Depuis le décret n° 2026-760 publié au Journal officiel le 9 août 2026, chaque EHPAD doit transmettre chaque année à la CNSA trois indicateurs rendus publics : le taux d'encadrement des résidents (personnel médical, paramédical et socio-éducatif), le taux d'absentéisme du personnel et le taux de rotation (turn-over). Ces données s'ajoutent aux informations tarifaires déjà publiées.
Pourquoi ce décret est-il important pour les familles ?
Parce qu'il permet de comparer les établissements sur la réalité humaine de l'accompagnement, et pas seulement sur le prix.
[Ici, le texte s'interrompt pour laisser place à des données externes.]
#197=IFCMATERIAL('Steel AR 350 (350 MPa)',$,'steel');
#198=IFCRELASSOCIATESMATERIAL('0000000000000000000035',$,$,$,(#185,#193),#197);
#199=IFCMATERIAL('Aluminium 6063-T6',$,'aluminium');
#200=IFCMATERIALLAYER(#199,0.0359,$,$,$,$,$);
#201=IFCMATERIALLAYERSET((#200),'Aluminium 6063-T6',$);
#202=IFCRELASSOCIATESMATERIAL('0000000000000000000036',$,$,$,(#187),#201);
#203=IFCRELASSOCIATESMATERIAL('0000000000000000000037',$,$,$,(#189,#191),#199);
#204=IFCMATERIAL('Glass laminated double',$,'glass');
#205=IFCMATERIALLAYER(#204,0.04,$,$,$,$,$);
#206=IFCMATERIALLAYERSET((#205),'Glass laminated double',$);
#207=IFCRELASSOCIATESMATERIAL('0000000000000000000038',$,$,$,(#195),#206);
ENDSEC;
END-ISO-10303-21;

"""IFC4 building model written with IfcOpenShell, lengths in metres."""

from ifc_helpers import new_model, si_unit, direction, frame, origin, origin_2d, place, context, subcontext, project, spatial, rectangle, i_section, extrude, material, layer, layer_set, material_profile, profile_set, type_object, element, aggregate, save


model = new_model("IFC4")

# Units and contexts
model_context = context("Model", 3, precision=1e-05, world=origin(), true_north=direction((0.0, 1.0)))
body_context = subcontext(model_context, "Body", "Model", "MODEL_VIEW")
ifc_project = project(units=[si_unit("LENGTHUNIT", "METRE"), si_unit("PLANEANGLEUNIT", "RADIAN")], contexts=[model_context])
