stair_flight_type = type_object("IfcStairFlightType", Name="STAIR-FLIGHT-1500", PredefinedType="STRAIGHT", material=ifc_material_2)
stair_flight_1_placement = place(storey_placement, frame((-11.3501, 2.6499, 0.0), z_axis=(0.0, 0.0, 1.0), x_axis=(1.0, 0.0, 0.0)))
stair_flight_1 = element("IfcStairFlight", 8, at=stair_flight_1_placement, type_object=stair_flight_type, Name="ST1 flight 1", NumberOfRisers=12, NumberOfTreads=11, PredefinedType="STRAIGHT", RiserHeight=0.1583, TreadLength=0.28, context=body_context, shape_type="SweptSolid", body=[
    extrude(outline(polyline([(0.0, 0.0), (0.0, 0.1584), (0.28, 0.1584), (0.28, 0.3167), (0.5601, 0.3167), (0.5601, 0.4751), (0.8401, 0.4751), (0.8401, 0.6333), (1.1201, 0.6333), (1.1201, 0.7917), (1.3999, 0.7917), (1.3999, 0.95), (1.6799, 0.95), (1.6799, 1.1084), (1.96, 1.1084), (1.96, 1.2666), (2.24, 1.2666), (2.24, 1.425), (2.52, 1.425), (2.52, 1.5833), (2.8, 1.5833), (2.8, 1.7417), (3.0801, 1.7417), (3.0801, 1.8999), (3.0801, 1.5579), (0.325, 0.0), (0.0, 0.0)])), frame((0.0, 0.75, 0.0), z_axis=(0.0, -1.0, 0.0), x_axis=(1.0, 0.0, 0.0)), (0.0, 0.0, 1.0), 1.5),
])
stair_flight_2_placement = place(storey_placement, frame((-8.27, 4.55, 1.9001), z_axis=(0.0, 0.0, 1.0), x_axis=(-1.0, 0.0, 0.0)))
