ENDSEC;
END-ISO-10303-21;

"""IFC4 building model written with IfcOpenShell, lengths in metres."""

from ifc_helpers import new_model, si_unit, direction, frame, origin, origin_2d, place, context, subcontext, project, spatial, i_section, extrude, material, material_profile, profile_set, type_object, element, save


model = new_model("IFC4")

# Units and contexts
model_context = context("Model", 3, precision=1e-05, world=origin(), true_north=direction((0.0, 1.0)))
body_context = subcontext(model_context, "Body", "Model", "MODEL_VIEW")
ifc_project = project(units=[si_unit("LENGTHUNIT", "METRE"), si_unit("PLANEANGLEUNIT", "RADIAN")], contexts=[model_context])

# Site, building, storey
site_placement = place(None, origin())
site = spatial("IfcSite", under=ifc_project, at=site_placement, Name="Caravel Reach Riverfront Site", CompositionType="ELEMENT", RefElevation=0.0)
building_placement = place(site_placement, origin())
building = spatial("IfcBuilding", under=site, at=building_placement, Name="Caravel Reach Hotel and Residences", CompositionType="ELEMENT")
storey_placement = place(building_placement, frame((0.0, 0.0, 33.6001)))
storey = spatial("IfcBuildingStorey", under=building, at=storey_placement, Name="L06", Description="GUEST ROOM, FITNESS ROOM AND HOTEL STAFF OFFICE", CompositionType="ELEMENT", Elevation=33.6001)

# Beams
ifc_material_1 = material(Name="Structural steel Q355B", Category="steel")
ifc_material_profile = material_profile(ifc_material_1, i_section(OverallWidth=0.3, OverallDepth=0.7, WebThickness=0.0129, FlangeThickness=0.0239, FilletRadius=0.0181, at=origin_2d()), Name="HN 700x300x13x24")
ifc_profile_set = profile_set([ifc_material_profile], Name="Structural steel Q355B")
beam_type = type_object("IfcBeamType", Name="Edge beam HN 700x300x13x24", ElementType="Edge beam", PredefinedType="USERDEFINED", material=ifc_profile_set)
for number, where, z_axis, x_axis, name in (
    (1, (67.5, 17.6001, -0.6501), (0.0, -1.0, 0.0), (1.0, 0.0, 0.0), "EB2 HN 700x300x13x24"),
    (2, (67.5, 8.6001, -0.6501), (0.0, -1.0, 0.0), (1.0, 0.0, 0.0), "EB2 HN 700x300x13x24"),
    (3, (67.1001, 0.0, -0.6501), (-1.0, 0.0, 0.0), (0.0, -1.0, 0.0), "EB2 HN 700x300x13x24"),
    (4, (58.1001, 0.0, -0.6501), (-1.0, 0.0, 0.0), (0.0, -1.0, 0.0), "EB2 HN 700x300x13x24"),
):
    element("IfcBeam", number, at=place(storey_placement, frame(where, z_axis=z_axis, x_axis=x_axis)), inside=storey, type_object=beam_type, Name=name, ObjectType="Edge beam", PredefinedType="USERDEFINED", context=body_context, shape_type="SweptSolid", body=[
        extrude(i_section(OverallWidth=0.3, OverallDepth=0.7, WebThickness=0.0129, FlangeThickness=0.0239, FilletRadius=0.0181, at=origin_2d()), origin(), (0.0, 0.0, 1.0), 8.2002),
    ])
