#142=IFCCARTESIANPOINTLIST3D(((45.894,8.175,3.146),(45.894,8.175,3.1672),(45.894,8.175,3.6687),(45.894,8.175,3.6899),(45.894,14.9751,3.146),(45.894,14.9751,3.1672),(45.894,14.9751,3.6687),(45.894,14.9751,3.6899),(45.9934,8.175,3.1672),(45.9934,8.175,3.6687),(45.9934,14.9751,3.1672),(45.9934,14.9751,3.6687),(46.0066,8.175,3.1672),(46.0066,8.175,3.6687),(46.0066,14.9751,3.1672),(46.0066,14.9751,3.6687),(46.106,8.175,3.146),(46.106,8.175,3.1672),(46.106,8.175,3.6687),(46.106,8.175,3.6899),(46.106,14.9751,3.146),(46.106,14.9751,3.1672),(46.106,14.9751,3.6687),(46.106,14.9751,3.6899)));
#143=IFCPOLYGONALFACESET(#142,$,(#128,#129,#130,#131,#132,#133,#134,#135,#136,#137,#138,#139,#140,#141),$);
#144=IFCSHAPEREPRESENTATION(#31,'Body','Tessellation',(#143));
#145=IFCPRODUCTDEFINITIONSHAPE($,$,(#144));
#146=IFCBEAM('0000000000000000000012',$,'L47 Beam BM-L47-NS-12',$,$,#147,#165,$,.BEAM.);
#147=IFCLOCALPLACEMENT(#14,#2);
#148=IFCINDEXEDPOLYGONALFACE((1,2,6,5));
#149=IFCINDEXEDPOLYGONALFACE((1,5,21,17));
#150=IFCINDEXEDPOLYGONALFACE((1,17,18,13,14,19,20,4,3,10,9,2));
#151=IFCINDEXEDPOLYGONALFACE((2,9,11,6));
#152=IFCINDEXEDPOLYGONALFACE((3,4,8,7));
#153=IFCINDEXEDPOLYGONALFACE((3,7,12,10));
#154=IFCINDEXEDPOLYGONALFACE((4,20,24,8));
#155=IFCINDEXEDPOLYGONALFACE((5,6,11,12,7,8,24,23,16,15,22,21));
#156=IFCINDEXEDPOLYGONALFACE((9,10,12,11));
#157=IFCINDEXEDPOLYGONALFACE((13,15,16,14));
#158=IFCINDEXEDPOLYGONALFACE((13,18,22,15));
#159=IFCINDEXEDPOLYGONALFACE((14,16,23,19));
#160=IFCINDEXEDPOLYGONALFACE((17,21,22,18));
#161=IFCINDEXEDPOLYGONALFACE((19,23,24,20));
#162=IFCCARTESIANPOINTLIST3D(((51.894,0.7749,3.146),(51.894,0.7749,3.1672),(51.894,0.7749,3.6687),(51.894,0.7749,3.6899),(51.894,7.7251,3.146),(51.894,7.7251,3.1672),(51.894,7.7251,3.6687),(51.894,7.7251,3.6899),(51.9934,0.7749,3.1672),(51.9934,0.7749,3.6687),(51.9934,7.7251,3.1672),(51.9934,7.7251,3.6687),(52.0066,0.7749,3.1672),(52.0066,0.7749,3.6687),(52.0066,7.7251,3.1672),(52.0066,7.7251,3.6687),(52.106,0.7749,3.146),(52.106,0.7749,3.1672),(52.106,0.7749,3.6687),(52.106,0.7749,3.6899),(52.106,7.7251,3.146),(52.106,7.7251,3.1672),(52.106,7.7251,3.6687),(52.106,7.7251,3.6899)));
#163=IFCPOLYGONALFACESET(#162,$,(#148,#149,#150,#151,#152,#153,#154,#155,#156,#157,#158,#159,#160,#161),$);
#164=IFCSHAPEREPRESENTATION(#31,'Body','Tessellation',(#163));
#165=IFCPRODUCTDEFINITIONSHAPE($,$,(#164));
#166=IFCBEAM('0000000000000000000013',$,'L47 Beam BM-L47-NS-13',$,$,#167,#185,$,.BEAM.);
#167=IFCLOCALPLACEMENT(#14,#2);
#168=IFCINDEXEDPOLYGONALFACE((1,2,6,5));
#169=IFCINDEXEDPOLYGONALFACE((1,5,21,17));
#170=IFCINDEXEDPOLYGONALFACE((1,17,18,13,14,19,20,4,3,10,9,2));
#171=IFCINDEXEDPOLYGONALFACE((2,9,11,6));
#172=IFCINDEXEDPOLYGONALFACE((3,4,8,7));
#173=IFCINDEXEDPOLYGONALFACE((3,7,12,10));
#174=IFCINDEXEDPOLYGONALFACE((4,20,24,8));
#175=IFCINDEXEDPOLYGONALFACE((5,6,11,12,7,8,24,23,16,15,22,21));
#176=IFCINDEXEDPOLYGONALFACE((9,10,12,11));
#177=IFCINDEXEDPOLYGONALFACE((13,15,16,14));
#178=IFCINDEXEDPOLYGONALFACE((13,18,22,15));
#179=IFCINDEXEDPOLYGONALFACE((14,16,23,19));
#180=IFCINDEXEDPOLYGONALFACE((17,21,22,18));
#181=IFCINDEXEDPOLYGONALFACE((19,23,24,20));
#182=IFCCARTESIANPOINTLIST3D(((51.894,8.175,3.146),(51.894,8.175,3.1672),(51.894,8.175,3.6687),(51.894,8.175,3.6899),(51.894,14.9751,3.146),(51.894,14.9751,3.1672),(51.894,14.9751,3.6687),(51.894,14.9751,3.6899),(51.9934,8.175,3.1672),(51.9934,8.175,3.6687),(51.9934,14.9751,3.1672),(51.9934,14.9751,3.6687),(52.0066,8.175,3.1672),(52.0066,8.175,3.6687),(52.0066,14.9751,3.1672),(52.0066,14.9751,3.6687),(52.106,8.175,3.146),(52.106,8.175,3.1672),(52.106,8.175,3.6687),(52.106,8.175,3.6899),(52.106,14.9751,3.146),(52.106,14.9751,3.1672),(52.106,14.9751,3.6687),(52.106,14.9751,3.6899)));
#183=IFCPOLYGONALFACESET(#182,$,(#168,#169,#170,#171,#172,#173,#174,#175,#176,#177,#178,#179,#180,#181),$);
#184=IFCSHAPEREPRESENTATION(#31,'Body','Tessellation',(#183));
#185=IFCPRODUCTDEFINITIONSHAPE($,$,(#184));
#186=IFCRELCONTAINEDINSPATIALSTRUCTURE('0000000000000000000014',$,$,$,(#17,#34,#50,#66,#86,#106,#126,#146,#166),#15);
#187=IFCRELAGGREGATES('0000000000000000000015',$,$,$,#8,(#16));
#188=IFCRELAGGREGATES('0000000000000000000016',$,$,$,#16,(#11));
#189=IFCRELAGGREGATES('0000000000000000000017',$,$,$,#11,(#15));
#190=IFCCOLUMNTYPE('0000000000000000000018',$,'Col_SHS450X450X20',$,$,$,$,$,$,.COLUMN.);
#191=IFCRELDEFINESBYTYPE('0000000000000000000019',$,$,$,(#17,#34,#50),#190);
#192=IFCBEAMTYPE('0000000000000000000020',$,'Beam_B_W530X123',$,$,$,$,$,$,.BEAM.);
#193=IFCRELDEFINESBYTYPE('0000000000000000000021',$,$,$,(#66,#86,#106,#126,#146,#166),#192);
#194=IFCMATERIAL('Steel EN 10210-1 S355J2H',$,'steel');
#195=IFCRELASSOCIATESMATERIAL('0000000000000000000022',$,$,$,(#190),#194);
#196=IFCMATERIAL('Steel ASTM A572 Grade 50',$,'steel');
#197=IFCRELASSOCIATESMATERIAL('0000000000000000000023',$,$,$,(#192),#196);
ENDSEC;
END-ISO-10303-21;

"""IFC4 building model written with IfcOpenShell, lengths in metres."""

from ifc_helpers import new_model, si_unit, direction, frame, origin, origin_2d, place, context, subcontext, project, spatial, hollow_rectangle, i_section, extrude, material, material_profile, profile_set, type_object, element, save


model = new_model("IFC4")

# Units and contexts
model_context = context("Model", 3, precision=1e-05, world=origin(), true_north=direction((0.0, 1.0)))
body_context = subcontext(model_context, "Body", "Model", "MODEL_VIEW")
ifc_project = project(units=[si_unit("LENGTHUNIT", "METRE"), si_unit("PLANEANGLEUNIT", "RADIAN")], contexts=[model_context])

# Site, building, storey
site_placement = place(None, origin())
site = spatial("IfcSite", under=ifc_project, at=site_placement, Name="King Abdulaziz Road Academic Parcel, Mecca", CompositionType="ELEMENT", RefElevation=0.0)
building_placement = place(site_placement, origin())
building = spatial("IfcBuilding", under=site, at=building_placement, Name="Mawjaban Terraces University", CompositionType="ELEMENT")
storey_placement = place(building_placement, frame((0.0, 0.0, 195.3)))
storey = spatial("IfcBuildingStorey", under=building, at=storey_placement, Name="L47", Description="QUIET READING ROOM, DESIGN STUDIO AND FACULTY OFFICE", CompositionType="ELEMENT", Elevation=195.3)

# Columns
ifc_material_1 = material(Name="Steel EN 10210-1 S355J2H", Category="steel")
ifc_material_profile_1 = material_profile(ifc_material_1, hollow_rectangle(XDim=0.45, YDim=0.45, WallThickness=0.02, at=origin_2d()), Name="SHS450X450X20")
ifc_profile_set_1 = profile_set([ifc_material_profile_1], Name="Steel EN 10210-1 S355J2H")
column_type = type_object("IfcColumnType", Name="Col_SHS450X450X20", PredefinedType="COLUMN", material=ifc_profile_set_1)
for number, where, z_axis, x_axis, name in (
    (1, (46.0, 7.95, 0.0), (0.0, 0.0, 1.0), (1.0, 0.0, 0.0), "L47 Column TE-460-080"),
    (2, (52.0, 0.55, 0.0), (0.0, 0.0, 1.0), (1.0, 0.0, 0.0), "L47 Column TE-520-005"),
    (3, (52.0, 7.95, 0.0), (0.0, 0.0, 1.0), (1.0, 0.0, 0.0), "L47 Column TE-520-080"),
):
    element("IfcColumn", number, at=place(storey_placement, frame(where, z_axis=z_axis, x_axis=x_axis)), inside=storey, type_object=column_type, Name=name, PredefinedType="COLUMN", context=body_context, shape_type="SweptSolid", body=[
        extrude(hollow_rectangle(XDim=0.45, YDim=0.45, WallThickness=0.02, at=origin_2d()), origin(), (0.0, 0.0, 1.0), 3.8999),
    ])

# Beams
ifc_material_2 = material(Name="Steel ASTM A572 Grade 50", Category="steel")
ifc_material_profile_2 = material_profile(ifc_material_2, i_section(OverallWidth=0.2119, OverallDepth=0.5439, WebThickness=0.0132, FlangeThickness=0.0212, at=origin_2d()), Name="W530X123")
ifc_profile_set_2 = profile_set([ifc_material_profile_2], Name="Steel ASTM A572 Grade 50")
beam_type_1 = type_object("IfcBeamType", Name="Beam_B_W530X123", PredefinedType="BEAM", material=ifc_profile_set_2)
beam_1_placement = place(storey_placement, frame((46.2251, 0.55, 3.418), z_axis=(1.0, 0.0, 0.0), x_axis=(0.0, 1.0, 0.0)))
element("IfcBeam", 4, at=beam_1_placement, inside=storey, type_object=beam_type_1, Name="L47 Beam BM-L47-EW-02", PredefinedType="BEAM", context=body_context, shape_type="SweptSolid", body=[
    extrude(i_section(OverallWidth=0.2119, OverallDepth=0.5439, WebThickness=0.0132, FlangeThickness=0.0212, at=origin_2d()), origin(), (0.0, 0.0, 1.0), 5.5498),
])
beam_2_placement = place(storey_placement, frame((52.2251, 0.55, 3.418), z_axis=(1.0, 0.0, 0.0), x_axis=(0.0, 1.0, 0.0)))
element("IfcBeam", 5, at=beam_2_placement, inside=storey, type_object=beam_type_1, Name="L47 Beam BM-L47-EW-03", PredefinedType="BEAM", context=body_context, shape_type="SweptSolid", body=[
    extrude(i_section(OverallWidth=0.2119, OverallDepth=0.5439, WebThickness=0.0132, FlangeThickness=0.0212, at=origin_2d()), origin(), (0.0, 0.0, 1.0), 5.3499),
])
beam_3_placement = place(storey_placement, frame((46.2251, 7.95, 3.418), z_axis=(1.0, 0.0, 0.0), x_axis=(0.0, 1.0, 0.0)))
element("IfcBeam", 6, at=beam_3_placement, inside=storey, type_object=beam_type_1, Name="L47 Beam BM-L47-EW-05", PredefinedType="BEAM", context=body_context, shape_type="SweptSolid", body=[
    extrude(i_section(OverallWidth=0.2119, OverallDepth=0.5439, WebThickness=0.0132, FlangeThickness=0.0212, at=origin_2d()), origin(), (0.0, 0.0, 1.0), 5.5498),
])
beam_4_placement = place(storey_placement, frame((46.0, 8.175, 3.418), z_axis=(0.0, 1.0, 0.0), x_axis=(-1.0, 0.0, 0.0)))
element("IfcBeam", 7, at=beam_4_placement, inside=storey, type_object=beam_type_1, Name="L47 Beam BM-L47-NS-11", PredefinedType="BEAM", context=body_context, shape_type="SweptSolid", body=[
Un fort absentéisme ou un turn-over élevé peuvent signaler des conditions de travail difficiles et une instabilité qui affecte la continuité de la prise en charge.
Combien de Français souhaitent vieillir à domicile ?
Selon les données relayées dans la presse, environ 8 Français sur 10 souhaitent vieillir à domicile, pour eux-mêmes ou pour leurs proches. Près de 7 sur 10 estiment par ailleurs que les pouvoirs publics n'en font pas assez pour améliorer la situation en EHPAD.
Le maintien à domicile est-il une vraie alternative à l'EHPAD ?
Oui, dans de nombreuses situations. Avec une coordination adaptée, une personne âgée en perte d'autonomie peut rester chez elle en sécurité : auxiliaires de vie, soins infirmiers, aménagement du logement, téléassistance. La difficulté n'est pas de trouver les intervenants, mais de les coordonner : c'est le rôle du care manager.
Qu'apporte un care manager pour le maintien à domicile ?
Il coordonne l'ensemble des intervenants et des démarches : auxiliaires de vie, lien avec les soignants et le médecin, aménagement du domicile, aides financières. Il assure la continuité (un binôme dédié plutôt qu'un défilé d'intervenants) et anticipe les situations à risque, pour un maintien à domicile serein et durable.
Sources : Journal officiel (décret n° 2026-760 du 8 août 2026), franceinfo, CNSA, loi n° 2024-317 du 8 avril 2024. Chiffres d'opinion relayés par la presse (baromètre pour le Synerpa). Article d'information générale.